4-Hydroxy-3,6,10-trimethylundec-9-en-2-one (CAS 68141-16-2) — Green Top to middle Note Fragrance Ingredient
4-Hydroxy-3,6,10-trimethylundec-9-en-2-one
CAS 68141-16-2
What Is 4-Hydroxy-3,6,10-trimethylundec-9-en-2-one?
4-Hydroxy-3,6,10-trimethylundec-9-en-2-one is a synthetic fragrance ingredient used to create fresh, green, and slightly woody accords. It’s found in modern perfumes and functional fragrances like laundry detergents. This molecule matters because it bridges natural and synthetic olfactory worlds, offering perfumers a versatile building block for contemporary compositions.
Safety Profile
GENERALLY SAFEWhat Does 4-Hydroxy-3,6,10-trimethylundec-9-en-2-one Smell Like?

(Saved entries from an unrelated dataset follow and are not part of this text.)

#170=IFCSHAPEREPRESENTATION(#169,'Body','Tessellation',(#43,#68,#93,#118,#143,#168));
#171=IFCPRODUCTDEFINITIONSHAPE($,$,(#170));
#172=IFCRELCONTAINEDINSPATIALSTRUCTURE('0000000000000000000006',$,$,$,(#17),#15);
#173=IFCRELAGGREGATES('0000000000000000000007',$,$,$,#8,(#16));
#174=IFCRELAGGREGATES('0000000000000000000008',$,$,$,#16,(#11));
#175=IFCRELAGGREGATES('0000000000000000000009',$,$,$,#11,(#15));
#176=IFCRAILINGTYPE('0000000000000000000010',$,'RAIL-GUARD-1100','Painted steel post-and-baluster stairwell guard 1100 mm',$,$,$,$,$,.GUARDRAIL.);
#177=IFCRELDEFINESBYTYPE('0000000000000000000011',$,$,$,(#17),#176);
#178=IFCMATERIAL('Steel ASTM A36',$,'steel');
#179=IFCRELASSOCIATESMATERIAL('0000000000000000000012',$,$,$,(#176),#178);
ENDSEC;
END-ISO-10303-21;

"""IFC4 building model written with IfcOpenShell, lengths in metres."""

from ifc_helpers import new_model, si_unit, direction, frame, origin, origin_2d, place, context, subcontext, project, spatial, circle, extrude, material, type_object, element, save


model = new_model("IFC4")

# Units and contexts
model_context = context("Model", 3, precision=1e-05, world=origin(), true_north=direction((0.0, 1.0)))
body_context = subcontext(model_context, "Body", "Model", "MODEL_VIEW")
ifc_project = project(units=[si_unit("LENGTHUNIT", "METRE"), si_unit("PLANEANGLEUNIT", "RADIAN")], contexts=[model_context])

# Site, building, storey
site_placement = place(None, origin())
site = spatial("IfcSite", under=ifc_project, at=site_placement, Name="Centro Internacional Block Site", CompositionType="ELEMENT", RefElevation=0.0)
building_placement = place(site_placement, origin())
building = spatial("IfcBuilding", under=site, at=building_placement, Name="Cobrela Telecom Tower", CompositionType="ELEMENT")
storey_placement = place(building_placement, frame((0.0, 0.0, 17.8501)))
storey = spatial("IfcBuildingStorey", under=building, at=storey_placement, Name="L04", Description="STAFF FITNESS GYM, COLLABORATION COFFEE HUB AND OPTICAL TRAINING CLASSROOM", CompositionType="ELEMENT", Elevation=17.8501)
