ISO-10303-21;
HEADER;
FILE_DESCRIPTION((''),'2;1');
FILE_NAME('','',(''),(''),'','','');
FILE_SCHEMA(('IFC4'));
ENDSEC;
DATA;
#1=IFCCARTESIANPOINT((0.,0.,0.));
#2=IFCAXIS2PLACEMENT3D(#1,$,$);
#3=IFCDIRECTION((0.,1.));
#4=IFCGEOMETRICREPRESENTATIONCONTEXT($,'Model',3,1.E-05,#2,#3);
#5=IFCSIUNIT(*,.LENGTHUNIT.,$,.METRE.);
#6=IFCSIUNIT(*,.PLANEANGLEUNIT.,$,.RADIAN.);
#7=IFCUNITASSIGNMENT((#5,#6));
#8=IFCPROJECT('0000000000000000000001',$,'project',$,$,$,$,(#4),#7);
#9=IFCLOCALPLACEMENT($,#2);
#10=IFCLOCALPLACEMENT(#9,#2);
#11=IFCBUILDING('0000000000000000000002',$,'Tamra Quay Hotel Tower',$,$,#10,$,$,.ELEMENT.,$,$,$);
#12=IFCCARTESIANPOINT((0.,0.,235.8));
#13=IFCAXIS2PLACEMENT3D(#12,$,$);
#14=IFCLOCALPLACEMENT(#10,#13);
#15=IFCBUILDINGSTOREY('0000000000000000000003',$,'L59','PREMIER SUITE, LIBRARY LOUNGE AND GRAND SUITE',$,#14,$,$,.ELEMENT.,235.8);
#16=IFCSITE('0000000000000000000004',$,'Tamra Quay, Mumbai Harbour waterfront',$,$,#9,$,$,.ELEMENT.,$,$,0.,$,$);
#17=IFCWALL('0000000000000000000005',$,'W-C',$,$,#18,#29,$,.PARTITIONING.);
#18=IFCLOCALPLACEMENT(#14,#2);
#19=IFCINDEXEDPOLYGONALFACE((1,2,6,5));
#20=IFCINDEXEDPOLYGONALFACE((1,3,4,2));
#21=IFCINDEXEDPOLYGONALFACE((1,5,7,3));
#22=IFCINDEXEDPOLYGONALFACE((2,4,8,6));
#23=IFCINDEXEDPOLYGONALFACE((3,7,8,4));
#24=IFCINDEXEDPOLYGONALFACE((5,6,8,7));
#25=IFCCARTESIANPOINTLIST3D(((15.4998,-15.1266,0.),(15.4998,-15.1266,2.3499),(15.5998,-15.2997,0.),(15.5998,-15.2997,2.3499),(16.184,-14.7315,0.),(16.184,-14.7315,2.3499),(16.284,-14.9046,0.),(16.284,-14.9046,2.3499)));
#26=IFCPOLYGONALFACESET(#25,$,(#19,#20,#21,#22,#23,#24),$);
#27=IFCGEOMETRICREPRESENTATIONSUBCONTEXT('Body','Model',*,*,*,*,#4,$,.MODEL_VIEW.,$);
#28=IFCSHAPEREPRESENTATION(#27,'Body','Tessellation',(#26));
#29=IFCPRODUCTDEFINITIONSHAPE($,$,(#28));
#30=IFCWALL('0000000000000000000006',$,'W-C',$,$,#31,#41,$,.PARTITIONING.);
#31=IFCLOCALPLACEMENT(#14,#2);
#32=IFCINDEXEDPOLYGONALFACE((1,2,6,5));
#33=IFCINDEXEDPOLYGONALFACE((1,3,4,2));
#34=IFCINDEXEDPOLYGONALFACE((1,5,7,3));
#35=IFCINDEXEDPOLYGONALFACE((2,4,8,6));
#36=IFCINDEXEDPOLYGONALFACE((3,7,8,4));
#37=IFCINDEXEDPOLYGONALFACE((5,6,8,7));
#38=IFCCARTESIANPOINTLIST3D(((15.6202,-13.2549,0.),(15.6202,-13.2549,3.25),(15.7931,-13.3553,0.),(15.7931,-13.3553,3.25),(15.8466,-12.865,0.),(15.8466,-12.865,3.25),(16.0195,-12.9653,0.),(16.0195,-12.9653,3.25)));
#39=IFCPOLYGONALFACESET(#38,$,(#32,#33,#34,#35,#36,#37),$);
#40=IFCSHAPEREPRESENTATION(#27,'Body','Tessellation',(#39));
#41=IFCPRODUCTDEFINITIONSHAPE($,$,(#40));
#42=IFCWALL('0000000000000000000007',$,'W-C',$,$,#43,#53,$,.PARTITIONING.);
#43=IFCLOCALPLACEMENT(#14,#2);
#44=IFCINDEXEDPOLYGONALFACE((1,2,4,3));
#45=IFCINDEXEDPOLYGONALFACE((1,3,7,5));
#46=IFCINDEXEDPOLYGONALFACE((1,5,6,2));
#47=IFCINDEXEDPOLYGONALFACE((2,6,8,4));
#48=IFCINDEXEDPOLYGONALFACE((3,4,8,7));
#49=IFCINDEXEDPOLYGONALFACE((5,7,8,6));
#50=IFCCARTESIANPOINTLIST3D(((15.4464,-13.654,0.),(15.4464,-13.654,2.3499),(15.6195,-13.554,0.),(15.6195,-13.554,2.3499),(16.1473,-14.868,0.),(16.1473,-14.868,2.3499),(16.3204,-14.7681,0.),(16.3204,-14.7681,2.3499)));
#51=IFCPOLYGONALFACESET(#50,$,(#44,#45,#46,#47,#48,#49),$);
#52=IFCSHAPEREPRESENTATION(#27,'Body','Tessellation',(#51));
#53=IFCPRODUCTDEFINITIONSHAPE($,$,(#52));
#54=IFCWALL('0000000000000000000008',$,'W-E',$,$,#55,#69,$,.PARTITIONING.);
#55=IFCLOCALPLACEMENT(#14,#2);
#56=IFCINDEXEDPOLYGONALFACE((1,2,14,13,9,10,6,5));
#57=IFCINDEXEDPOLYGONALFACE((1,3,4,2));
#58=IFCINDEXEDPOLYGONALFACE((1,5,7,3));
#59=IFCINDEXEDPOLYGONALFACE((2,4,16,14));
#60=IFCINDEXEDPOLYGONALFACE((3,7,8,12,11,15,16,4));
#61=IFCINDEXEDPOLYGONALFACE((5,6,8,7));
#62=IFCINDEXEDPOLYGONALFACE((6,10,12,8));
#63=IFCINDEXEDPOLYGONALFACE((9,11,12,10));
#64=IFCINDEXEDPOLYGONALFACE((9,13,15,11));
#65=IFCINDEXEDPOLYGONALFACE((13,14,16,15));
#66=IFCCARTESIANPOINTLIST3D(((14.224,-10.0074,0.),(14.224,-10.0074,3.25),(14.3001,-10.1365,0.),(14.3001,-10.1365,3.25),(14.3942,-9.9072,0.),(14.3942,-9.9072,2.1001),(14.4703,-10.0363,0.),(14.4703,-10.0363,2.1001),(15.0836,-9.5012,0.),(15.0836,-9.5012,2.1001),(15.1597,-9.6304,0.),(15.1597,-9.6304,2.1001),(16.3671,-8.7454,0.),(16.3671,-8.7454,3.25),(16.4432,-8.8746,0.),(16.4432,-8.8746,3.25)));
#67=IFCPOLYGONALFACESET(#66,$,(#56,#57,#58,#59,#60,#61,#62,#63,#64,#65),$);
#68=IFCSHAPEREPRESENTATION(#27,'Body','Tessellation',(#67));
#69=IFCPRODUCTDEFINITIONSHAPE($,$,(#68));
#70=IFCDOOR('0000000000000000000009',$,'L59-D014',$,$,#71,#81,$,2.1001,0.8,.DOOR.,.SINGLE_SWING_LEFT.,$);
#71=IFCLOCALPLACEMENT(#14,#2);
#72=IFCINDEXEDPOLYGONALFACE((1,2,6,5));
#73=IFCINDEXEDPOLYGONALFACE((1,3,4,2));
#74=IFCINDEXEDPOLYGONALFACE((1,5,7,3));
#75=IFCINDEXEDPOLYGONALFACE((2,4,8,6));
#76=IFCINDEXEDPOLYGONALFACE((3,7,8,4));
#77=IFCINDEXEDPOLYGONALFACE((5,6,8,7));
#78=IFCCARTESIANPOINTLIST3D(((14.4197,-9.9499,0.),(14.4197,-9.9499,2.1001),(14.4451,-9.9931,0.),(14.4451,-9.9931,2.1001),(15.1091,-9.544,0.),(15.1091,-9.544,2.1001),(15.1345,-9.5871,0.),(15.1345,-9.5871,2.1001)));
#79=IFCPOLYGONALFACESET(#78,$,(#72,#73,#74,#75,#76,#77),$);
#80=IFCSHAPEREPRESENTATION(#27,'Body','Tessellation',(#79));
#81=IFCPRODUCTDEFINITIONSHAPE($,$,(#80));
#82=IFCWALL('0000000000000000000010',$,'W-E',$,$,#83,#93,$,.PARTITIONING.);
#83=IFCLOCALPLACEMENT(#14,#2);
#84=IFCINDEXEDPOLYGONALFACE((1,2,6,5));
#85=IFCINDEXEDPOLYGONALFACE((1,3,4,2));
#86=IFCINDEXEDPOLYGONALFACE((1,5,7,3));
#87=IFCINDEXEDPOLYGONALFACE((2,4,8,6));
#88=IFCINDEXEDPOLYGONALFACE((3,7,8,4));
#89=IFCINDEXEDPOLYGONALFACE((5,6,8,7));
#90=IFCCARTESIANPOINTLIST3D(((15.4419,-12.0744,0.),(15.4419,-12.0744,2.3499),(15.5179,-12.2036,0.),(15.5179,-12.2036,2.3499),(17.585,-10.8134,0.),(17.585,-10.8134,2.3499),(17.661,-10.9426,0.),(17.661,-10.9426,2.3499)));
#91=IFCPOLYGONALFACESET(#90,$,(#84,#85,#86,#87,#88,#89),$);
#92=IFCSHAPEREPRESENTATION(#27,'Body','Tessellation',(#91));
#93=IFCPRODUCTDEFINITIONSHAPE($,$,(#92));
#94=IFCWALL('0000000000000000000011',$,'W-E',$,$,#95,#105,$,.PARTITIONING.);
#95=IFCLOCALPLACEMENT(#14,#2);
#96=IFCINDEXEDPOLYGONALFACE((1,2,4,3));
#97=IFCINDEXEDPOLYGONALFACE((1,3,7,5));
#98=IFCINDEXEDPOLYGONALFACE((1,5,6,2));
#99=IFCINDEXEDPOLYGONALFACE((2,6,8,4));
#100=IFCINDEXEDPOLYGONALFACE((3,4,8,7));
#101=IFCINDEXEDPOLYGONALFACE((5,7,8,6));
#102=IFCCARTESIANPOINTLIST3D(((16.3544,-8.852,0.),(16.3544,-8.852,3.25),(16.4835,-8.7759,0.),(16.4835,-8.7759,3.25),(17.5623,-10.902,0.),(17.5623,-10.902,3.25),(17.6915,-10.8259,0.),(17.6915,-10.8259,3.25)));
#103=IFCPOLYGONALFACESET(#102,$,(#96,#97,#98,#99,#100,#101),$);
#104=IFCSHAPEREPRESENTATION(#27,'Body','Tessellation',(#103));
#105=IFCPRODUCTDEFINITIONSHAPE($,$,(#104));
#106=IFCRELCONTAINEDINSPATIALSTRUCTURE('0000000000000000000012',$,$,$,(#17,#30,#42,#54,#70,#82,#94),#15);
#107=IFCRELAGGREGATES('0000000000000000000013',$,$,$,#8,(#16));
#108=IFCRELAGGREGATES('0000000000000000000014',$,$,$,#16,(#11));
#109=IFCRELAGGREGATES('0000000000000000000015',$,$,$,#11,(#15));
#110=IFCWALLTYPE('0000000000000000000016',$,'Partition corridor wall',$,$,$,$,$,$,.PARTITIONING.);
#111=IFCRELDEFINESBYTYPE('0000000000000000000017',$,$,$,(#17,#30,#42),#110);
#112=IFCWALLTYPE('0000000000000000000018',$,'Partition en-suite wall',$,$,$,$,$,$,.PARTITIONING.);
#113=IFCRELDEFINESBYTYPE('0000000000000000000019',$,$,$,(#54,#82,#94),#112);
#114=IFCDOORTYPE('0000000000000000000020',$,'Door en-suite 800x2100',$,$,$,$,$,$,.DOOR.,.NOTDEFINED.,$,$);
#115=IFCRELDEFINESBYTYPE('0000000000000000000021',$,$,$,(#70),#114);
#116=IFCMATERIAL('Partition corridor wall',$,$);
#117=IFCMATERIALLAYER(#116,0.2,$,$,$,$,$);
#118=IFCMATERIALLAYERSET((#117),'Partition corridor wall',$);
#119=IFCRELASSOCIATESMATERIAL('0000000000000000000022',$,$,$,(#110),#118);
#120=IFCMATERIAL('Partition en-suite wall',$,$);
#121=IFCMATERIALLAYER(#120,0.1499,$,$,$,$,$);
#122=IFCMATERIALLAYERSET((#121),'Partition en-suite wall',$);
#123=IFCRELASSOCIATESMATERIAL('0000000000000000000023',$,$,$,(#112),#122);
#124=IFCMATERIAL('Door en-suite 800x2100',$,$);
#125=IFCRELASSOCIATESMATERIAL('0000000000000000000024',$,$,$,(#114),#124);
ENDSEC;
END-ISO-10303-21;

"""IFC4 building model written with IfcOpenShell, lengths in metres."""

from ifc_helpers import new_model, si_unit, direction, frame, frame_2d, origin, place, context, subcontext, project, spatial, rectangle, extrude, material, layer, layer_set, type_object, element, fill, save


model = new_model("IFC4")

# Units and contexts
model_context = context("Model", 3, precision=1e-05, world=origin(), true_north=direction((0.0, 1.0)))
body_context = subcontext(model_context, "Body", "Model", "MODEL_VIEW")
ifc_project = project(units=[si_unit("LENGTHUNIT", "METRE"), si_unit("PLANEANGLEUNIT", "RADIAN")], contexts=[model_context])

# Site, building, storey
site_placement = place(None, origin())
site = spatial("IfcSite", under=ifc_project, at=site_placement, Name="Tamra Quay, Mumbai Harbour waterfront", CompositionType="ELEMENT", RefElevation=0.0)
building_placement = place(site_placement, origin())
building = spatial("IfcBuilding", under=site, at=building_placement, Name="Tamra Quay Hotel Tower", CompositionType="ELEMENT")
storey_placement = place(building_placement, frame((0.0, 0.0, 235.8)))
storey = spatial("IfcBuildingStorey", under=building, at=storey_placement, Name="L59", Description="PREMIER SUITE, LIBRARY LOUNGE AND GRAND SUITE", CompositionType="ELEMENT", Elevation=235.8)

# Walls
ifc_material_1 = material(Name="Partition corridor wall")
ifc_layer_1 = layer(ifc_material_1, 0.2)
ifc_layer_set_1 = layer_set([ifc_layer_1], Name="Partition corridor wall")
wall_type_1 = type_object("IfcWallType", Name="Partition corridor wall", PredefinedType="PARTITIONING", material=ifc_layer_set_1)
wall_1_placement = place(storey_placement, frame((15.5498, -15.2131, 0.0), z_axis=(0.0, 0.0, 1.0), x_axis=(0.86599, 0.500061, 0.0)))
element("IfcWall", 1, at=wall_1_placement, inside=storey, type_object=wall_type_1, Name="W-C", PredefinedType="PARTITIONING", context=body_context, shape_type="SweptSolid", body=[
    extrude(rectangle(XDim=0.79, YDim=0.2, at=frame_2d((0.395, 0.0))), origin(), (0.0, 0.0, 1.0), 2.3499),
])
wall_2_placement = place(storey_placement, frame((15.9331, -12.915, 0.0), z_axis=(0.0, 0.0, 1.0), x_axis=(-0.502018, -0.864857, 0.0)))
element("IfcWall", 2, at=wall_2_placement, inside=storey, type_object=wall_type_1, Name="W-C", PredefinedType="PARTITIONING", context=body_context, shape_type="SweptSolid", body=[
    extrude(rectangle(XDim=0.4509, YDim=0.2, at=frame_2d((0.2256, 0.0))), origin(), (0.0, 0.0, 1.0), 3.25),
])
wall_3_placement = place(storey_placement, frame((15.533, -13.604, 0.0), z_axis=(0.0, 0.0, 1.0), x_axis=(0.499979, -0.866038, 0.0)))
element("IfcWall", 3, at=wall_3_placement, inside=storey, type_object=wall_type_1, Name="W-C", PredefinedType="PARTITIONING", context=body_context, shape_type="SweptSolid", body=[
    extrude(rectangle(XDim=1.4019, YDim=0.2, at=frame_2d((0.7009, 0.0))), origin(), (0.0, 0.0, 1.0), 2.3499),
])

This molecule opens with a crisp, green freshness reminiscent of crushed leaves, evolving into a subtle woody heart with a faintly sweet undertone. The dry-down reveals a clean, slightly musky character that lingers close to the skin. Imagine the first snap of a green twig blending into sun-warmed cedar.
In Famous Fragrances
Fragrance associations may not reflect actual formulations.

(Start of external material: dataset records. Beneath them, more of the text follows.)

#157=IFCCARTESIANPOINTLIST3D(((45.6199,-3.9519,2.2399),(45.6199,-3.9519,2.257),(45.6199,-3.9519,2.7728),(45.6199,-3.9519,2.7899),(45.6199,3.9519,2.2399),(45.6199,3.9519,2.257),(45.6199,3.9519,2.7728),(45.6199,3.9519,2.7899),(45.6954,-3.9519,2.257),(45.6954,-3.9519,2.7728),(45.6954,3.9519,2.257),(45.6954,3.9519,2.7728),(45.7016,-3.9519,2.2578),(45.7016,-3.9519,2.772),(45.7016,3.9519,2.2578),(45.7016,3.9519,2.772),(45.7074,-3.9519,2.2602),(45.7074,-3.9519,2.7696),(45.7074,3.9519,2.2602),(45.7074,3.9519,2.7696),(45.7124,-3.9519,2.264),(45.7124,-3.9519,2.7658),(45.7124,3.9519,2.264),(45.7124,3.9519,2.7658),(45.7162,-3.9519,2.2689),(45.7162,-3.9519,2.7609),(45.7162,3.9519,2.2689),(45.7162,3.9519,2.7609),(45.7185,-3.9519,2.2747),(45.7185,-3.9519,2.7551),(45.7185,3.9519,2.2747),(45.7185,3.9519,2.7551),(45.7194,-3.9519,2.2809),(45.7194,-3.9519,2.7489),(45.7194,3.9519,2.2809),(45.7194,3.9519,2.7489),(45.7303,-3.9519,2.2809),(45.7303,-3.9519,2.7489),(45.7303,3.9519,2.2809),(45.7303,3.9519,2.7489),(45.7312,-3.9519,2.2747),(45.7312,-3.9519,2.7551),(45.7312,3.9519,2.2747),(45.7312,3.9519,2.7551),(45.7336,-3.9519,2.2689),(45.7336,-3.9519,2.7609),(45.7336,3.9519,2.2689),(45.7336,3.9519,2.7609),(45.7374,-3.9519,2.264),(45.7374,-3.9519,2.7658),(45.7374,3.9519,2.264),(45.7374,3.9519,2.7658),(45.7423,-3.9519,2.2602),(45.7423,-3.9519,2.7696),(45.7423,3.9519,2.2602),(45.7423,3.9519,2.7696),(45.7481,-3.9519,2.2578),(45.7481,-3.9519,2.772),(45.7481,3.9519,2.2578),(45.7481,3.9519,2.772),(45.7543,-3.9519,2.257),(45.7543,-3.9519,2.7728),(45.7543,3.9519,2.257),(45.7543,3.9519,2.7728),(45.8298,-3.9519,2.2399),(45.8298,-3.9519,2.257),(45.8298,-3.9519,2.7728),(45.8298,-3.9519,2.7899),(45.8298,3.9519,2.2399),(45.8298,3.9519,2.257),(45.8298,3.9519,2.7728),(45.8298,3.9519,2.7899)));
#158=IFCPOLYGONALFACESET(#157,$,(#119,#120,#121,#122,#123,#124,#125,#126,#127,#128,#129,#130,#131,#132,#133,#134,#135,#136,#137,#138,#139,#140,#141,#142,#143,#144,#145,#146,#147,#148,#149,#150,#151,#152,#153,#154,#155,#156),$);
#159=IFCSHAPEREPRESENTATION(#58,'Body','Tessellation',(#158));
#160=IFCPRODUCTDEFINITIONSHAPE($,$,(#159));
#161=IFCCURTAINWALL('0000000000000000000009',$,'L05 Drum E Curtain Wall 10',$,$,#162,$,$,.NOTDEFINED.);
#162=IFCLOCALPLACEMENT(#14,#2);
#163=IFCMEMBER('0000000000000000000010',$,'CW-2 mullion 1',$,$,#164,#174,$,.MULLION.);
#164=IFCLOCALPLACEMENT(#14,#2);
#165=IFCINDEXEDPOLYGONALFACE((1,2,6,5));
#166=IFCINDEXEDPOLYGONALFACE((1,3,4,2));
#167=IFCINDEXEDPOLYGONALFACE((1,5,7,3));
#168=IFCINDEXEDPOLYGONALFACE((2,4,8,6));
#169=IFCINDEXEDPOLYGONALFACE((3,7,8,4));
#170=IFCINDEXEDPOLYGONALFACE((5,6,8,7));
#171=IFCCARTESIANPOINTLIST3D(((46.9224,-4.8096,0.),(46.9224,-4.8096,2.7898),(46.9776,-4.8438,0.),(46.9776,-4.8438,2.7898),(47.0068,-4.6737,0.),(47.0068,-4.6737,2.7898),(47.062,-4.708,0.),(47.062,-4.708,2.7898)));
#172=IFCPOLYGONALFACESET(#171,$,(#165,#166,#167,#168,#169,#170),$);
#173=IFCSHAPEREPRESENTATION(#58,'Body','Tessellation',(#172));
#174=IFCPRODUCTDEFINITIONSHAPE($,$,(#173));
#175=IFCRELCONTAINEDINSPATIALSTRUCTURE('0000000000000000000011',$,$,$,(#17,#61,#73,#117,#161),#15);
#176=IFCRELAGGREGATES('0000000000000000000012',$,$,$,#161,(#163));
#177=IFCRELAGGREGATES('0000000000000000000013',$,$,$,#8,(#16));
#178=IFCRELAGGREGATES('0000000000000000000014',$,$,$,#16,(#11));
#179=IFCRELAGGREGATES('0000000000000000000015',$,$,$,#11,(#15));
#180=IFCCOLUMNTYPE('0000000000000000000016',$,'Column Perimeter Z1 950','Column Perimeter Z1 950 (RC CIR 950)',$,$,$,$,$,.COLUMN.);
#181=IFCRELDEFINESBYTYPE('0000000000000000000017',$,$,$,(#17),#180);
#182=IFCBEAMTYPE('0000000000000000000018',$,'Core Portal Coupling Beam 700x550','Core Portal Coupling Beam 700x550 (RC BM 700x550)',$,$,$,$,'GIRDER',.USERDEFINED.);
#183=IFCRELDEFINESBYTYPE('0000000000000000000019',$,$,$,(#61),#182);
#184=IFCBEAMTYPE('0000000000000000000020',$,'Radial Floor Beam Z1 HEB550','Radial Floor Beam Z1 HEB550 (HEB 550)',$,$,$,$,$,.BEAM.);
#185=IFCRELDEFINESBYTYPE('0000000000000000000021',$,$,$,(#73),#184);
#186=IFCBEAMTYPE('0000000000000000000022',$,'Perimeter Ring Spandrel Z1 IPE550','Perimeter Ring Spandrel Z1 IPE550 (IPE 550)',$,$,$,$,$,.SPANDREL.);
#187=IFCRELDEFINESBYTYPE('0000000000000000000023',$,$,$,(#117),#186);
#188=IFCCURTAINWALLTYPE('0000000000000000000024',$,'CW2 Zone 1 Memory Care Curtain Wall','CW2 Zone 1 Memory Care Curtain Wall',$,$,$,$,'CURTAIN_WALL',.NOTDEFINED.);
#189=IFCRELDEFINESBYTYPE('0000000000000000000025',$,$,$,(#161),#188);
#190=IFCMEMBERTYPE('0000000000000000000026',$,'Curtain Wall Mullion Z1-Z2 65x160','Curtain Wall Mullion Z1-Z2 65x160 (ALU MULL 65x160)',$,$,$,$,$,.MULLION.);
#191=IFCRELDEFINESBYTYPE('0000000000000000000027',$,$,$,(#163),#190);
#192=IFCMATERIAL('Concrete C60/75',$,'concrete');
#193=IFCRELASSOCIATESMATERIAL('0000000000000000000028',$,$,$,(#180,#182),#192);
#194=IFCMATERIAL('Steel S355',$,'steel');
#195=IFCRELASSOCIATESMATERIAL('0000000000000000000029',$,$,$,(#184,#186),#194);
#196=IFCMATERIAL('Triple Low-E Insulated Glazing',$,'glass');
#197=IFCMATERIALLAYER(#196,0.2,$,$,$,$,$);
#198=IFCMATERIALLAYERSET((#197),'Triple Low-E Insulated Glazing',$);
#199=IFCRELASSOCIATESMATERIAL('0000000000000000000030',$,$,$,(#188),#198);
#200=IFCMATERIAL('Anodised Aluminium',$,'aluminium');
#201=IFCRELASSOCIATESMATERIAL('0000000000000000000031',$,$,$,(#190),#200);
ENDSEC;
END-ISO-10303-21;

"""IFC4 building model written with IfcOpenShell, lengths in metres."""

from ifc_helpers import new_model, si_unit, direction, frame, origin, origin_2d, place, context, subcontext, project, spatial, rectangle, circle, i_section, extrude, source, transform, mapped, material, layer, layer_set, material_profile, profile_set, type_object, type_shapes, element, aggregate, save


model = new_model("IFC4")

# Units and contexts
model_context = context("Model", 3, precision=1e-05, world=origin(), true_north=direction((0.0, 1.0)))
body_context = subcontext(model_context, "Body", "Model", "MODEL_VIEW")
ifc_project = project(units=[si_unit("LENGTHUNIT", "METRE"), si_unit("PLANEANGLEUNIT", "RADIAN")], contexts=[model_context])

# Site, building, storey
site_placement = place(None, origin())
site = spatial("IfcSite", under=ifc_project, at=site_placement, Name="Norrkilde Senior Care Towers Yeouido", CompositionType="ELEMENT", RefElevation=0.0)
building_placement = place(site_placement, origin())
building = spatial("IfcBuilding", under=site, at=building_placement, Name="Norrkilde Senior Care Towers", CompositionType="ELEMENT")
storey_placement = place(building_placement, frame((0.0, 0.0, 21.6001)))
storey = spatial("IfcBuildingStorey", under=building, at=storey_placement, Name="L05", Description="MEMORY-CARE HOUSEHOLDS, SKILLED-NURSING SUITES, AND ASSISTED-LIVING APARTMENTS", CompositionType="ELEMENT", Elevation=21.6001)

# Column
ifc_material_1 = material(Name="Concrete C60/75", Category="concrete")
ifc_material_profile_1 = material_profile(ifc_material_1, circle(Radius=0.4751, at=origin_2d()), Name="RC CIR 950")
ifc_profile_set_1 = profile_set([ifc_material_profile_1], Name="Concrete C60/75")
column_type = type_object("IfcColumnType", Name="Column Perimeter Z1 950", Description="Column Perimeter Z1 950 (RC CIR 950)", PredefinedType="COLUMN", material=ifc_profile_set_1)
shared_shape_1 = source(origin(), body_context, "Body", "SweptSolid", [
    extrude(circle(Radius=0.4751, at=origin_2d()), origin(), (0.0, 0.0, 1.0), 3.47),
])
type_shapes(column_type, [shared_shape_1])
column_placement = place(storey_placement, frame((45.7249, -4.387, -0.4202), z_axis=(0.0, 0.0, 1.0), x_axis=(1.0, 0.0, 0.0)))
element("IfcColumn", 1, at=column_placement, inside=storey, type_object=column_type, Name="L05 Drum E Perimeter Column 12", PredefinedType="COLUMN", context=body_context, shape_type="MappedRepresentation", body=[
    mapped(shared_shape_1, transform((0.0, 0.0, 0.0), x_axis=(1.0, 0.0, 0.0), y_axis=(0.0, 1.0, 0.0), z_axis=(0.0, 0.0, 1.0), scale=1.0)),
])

Used as a fresh top note modifier to enhance green accords without overpowering floral heart notes.
Provides a crisp, modern edge to woody bases, creating a contrast with sweeter elements.
2D Molecular Structure
SMILES: CC(CCC=C(C)C)CC(O)C(C)C(C)=O
Chemistry, Properties & Perfumer Guide
The Chemistry
4-Hydroxy-3,6,10-trimethylundec-9-en-2-one is a synthetic ketone with a complex branched structure. Its synthesis typically involves aldol condensation reactions followed by selective hydrogenation. The molecule’s stereochemistry significantly impacts its olfactory profile, with different isomers exhibiting varying degrees of green and woody character.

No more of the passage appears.